I was excited to return to work a few days back. I made my way through the familiar, sterile corridor lined with worn linoleum and its off-white walls adorned with artwork by local artists – an attempt to make an imposing and unnerving environment seemingly friendlier. Outside, the dreariness of winter leaves your hands frostbitten. I shuddered as I looked through the large glass windows. I have been told that I have the coldest hands by many. “Cold hands, warm heart,” I joked with my patients.
After an intense two weeks of a DPhil viva, a job interview, and catching up with various people, I was ready to “rock and roll” in the delivery suite. However, as hours passed, I was gripped by my inability to breathe.
“Are you OK?” asked the consultant-on-call. “I feel sniffly,” was my response, as I adjusted my surgical mask. I was determined to finish the shift. Probably not the best idea.
In reality, I was out of breath. I wondered if I had caught the dreaded COVID-19. I wondered if my already asthma-ravaged lungs could cope with the deadly virus. I already had the third dose of the COVID-19 vaccine and my flu jab. The people I have been in contact with me during my 2-week “holiday” have been well. I guess I caught whatever at work. Thankfully, it is just a very bad flu (I tested negative on my daily lateral flow tests and COVID-19 PCR). But it still feels like there are knives in my throat and a Sumo wrestler on my chest.
The last few days in sickness reminded me of the time when I almost died. When I was 14, I had experienced swinging temperatures, unimaginable fatigue, and a splitting headache. Not to my credit, I looked extremely well, apparently glowing with rosy cheeks that almost no one at my boarding school believed that I was ill so I suffered not being taken seriously for a few days. My parents initially had thought that I was homesick but still took me home to the local A&E. That was when they found out that my platelet levels were 81. I subsequently deteriorated in the coming days.
The doctors thought I had dengue, then malaria…and nothing seemed to bring down my temperature. I recalled experiencing rigors and my mother looking extremely worried, more worried than the other times when my parents had to rush me to A&E because I could not breathe. It was during this time, that I prayed to God, “Please, let me live…long enough so I could be a doctor one day.” Thankfully, I was given the right antibiotics at the right time. It was Rocky Mountain Spotted Fever. If it had not been diagnosed early enough, I would have died.
Reflecting on my near-death experience and being ill now, made me realised that I am living my 14-year-old self’s wildest dreams!
However, it has not been easy. Being a doctor, and a female one as well, a thousand miles away from family is not easy. I have to move around a lot and keep rebuilding new friendships and network circles. In this line of work, although rare, I have suffered racist, sexist, abusive threats from patients and their families. And no one to comfort me during the worst days. And in this very moment of unwellness, I have never felt this lonely and sad.

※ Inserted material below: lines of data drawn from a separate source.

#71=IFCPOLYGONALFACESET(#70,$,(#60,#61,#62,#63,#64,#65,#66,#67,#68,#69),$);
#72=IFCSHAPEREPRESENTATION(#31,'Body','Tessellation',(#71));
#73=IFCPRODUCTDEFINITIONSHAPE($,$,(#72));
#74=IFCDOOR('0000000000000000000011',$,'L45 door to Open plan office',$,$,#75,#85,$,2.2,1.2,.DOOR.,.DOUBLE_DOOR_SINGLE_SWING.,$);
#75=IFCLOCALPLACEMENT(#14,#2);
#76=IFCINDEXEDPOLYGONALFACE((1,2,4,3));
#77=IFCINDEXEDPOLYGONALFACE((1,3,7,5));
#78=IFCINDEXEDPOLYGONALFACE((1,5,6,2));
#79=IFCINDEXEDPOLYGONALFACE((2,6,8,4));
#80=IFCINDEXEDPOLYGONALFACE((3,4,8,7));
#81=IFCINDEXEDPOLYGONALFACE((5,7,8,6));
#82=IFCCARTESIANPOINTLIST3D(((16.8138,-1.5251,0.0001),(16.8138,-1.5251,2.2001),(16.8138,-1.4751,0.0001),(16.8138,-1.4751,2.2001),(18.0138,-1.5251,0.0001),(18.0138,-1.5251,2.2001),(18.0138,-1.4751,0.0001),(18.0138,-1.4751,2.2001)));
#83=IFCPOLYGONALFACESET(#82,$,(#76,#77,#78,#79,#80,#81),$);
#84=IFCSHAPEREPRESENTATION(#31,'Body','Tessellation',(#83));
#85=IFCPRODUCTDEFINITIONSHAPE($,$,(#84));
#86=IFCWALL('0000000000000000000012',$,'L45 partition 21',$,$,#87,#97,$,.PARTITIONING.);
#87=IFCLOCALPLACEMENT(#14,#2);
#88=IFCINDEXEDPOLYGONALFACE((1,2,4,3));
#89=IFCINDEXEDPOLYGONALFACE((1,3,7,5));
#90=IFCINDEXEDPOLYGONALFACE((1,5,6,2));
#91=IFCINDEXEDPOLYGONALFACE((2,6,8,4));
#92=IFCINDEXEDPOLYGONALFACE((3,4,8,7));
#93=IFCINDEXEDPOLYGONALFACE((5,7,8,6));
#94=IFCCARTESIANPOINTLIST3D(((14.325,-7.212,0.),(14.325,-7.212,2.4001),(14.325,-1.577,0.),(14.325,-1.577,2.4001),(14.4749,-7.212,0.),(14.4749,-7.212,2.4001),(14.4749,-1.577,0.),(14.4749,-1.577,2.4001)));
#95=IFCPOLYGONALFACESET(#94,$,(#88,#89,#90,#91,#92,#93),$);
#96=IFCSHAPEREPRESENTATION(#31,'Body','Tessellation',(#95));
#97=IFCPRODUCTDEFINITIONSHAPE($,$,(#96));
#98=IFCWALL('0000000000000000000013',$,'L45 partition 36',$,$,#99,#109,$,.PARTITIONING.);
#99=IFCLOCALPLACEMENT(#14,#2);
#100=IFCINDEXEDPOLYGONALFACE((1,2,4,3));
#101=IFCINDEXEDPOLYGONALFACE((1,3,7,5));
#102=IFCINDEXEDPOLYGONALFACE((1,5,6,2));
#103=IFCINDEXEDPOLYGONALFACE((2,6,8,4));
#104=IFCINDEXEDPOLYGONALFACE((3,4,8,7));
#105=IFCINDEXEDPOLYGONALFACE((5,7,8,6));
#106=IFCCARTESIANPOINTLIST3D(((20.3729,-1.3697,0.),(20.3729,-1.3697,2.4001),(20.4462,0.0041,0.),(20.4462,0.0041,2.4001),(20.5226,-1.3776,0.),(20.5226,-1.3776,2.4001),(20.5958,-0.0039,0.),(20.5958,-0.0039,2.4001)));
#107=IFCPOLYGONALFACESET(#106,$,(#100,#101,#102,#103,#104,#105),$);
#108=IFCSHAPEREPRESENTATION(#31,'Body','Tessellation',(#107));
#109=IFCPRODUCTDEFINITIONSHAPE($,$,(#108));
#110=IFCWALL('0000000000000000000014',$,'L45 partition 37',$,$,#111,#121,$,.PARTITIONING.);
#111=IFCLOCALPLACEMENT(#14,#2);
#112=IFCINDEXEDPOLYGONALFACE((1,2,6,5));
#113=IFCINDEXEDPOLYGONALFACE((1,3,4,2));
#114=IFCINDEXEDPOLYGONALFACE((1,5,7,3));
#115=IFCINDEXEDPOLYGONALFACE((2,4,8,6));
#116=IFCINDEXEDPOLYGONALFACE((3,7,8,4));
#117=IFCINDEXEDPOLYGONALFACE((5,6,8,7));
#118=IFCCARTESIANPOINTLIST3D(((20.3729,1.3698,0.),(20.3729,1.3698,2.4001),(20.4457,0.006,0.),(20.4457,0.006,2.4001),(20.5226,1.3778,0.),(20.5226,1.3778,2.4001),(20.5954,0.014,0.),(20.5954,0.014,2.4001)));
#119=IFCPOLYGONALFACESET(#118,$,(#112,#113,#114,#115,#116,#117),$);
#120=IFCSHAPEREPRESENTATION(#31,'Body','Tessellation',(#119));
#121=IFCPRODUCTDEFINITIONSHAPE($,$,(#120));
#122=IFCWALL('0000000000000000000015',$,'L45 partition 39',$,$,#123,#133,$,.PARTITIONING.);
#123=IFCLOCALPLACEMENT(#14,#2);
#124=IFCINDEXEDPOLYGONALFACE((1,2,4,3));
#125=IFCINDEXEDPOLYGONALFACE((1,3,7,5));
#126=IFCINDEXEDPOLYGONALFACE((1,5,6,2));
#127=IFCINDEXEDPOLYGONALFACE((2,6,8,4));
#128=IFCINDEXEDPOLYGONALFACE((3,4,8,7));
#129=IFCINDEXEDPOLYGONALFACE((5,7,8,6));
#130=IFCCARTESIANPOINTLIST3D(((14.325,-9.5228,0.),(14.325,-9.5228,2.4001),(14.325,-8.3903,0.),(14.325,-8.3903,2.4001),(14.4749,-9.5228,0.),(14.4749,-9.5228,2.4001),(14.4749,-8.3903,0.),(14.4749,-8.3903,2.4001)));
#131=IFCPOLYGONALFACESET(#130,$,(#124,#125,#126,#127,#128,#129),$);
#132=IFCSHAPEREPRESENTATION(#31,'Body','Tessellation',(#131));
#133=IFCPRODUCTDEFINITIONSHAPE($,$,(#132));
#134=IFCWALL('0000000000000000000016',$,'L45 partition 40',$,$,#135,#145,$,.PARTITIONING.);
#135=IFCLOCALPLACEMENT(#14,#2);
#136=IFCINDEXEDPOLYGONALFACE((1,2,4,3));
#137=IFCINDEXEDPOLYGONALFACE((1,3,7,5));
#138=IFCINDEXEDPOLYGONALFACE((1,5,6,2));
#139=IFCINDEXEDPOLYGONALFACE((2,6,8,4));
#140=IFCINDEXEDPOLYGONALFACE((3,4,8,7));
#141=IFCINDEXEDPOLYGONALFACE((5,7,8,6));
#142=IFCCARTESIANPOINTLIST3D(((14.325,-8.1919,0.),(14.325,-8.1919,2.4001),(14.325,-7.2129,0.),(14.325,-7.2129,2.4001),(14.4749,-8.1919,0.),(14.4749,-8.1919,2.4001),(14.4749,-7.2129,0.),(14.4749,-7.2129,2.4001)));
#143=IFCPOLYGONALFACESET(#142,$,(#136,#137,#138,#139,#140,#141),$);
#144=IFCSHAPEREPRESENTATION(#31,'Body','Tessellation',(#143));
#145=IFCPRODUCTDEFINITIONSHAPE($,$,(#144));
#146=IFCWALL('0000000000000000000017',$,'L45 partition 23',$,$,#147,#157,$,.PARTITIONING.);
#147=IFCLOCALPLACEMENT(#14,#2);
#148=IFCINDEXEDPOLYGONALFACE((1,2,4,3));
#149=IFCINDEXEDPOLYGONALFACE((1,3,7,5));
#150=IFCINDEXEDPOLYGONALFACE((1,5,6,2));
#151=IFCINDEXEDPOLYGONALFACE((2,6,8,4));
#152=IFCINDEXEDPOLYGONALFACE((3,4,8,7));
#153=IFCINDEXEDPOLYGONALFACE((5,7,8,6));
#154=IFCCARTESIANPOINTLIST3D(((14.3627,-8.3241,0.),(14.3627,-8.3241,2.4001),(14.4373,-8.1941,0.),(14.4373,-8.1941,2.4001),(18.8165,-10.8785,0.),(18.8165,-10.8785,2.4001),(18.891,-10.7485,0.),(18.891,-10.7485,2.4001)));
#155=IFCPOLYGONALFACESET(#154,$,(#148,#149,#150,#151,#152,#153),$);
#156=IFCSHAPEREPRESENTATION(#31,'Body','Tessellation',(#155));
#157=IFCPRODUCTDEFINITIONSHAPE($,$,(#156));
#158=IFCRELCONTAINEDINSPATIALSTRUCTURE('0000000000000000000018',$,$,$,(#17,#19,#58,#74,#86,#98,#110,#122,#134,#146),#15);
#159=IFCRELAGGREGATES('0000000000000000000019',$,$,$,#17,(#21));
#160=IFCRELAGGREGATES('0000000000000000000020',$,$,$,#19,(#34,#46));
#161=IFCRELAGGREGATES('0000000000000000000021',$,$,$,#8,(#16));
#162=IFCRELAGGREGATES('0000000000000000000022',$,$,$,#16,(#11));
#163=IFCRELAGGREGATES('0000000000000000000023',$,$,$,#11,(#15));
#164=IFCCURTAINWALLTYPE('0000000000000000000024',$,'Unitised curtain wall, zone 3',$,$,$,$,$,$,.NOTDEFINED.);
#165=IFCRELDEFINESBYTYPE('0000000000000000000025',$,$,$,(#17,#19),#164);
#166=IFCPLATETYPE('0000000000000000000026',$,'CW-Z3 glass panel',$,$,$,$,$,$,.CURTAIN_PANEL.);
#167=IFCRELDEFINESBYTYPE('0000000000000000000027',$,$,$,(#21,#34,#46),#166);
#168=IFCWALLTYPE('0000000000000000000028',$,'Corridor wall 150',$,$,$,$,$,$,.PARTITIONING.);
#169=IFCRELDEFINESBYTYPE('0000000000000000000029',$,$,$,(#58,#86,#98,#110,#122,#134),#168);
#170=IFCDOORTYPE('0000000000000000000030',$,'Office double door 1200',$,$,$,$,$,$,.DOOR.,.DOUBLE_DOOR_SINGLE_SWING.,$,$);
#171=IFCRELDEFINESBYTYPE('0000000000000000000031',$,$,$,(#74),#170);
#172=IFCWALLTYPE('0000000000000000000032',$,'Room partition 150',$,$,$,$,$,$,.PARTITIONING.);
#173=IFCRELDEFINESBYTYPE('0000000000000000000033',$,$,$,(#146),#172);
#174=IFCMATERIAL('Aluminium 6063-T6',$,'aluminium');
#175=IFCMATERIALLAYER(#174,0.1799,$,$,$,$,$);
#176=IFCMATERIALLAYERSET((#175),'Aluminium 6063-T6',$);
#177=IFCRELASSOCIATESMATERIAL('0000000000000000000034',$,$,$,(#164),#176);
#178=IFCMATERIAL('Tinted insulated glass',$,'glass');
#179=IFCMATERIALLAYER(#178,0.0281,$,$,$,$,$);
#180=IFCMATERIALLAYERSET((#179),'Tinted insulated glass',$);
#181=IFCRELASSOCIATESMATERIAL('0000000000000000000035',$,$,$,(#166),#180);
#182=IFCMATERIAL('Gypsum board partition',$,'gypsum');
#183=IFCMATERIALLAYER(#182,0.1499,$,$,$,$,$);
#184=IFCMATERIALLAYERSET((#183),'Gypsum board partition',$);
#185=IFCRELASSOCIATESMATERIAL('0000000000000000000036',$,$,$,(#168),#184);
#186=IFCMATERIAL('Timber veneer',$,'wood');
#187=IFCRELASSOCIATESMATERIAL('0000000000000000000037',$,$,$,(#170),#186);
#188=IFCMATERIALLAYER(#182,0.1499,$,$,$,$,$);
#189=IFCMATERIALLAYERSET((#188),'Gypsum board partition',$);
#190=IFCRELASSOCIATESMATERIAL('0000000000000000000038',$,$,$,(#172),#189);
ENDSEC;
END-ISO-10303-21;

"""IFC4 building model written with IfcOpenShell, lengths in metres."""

But I have also seen love. And compassion. Between my patients and their partners or family members, and those lovely “thank yous” from them to the medical team. By that one friend, who took time to send me Malaysian homemade rice porridge and some ginger milk tea when I told her I am unwell. By my parents and friends who made time to speak to me over the phone so that I would not be too lonely resting at home. By the rota team, who made a humongous effort to find a replacement for me while I am recuperating. I am blessed.
I cannot imagine myself living another life, not doing what I am doing today. It is a privilege to make caring for women at the most important moments of their lives, and at their most vulnerable, one’s lifelong vocation. It is a privilege to work with colleagues who are respectful and kind. It is a privilege and one that I will continue to cherish and appreciate.
Yes, I don’t feel 100% or on top of the world all the time, but I am indeed living my wildest dreams.